# It's time to try to get back to living....



## fach (Jun 27, 2005)

It's been a while since I have visited the forum. Some of you know my DH was seriously ill. Sadly he passed away this past August. Home and life has been empty and way too quiet. My heart is broken. Even Dixie has been depressed. I've wanted another Angel for years. Taking care of my DH was a full time job so it was out of the question. The holidays are arriving along with the awareness of going through the motions without our loved one. Dixie and I decided it was time to add some life into our home. We have been counting the days until little "Lilly" arrives. I pick her up on the 15th! I am so excited. I know in my heart she will help Dixie and I find some laughter and fun again. Thanks for listening.....


----------



## bellapuppy (Dec 1, 2008)

So sorry for your loss. Lilly will be sure to bring comfort to you both. dogs have a special "magic" that just seems to ease pain and give comfort to us, especially those with a broken heart. Please be sure to post pictures of your new baby.


----------



## LUCY N PETS (Apr 21, 2009)

I am truly sorry for your loss, and glad that you decided to add another angel. I am sure she will give you much joy and a playmate for Dixie. :grouphug:


----------



## 3Maltmom (May 23, 2005)

:grouphug: Yep, hugging you very tight. I'm so sad for you, yet happy for your new arrival. Bless your heart. 

It's tough, I know, stay strong my friend. Remember you have so many friends, here on SM. We love you ~ :heart:


----------



## gibbert (Jan 13, 2005)

I am so sorry to hear about the loss of your husband. 
Congratulations on your new baby, Lily. I know you must be counting the minutes til you can bring her home. Lily will bring you and Dixie some much-needed joy at this difficult time, and for many years into the future. 
Glad you found your way back here. *HUGS*


----------



## tamizami (May 1, 2007)

I'm so sorry for your loss, I can only imagine how heartbreaking that must be. A new puppy will surely make you smile again and bring some happiness back into your life. :grouphug:


----------



## fach (Jun 27, 2005)

I'll be sure to post some pictures of her. Thank you for being so supportive. This is a wonderful forum of people.


----------



## nekkidfish (Aug 25, 2009)

I am truly so sorry for your loss. May your new baby bring lots of laughter and joy back into your home.

Big HUGz! Jules


----------



## angel's mom (Feb 14, 2007)

I think getting your Lily right now, as the holidays are starting, is absolutely perfect. Lily will help you and Dixie in so many ways. Every day she will bring happiness and laughter to you, and give you a different direction to focus your attention. I'm sorry for your loss.


----------



## iheartbisou (Feb 13, 2007)

I, too, am so sorry for your loss. My deepest condolences. 

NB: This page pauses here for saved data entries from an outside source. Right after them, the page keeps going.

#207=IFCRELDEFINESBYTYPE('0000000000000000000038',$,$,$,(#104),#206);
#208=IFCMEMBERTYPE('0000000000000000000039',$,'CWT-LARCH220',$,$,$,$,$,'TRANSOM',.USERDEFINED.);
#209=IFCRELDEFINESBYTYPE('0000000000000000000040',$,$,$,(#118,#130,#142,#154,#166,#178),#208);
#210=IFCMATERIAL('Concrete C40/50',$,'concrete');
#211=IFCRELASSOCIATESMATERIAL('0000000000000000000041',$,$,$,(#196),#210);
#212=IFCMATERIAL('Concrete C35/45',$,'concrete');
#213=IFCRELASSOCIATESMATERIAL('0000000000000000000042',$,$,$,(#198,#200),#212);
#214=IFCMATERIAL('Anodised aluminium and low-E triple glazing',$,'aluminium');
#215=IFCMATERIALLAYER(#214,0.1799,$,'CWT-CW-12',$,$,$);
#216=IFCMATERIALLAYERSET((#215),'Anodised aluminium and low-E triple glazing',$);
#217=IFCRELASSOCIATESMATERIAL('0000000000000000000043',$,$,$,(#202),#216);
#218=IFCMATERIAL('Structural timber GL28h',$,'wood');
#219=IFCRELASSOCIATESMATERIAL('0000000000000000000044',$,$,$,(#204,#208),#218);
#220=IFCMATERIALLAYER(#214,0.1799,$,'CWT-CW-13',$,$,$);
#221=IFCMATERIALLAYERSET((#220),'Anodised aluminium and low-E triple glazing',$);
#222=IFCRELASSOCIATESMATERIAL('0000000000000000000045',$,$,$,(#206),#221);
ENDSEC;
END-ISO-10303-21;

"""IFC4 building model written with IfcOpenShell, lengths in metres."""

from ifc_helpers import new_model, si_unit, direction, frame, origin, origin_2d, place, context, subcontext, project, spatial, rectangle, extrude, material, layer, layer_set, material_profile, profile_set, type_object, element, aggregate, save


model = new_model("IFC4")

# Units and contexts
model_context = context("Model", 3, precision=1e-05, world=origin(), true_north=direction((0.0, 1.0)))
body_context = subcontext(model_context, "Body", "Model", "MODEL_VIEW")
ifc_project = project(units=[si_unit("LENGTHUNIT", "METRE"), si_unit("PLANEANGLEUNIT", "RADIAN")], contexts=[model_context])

I am thrilled that you are getting a new fluff of love! her name is so pretty too. Perfect for a sweet girl.


----------



## HaleysMom (Jun 4, 2009)

So sorry for your loss :grouphug: May Lily bring you some happiness and joy in your time of need.

(((Hugs)))

Celena


----------



## KAG (Jun 1, 2006)

Please accept my condolences on the loss of your husband. I'm so sure your new baby girl will bring much joy to you and Dixie. I'm so excited for you!
xoxoxoxoxo


----------



## I found nemo (Feb 23, 2006)

:bysmilie: I can't even imagine what you have been through. I am so sorry for the loss of your husband, that must so hard .
I am happy Lilly may be able to bring love and contentment to you . I am very happy for you.
:grouphug: :grouphug: :grouphug:


----------



## theboyz (Jan 10, 2007)

We are so sorry and send hugs for you.

Your new baby will be a welcome addition and please post pic's when she arrives.


----------



## maggieh (Dec 16, 2007)

I am so sorry for the loss of your husband and so very happy Lily will be joining your family to add some joy and smiles. Hugs to you and prayers for a peaceful upcoming holiday season - may your new baby bring smiles to your face!


----------



## Maglily (Feb 3, 2009)

I am so sorry for your loss, I don't know what to say, it must be so hard for you. 
But it is wonderful that you will have this your new pup for you and Dixie, and what a cutie Dixie is.


----------



## CeeCee's Mom (Sep 14, 2006)

I am so happy to hear you are getting a new pup to love. Losing you dear husband is such a big loss. This pup will bring a lot of excitement and warmth with the upcoming holidays. Lots of hugs and warm thoughts to you.........Please post pictures because we want to see that sweet little malt!!!! :heart: :heart: :heart:


----------



## rozporter (Apr 12, 2008)

I went through the same thing as you 2 years ago and 6 months later I got Biscuit. He has been such a joy, the very first few days after I got him I found myself laughing out in the yard, for the first time in a long time, while he tore around like a little fiend....just happy to be outside. I'm still laughing at him (and I suspect with him) as he plays, gets into trouble, cuddles up to me. Its absolutely the most amazing thing that can happen to you when you get a dog for comfort and joy. 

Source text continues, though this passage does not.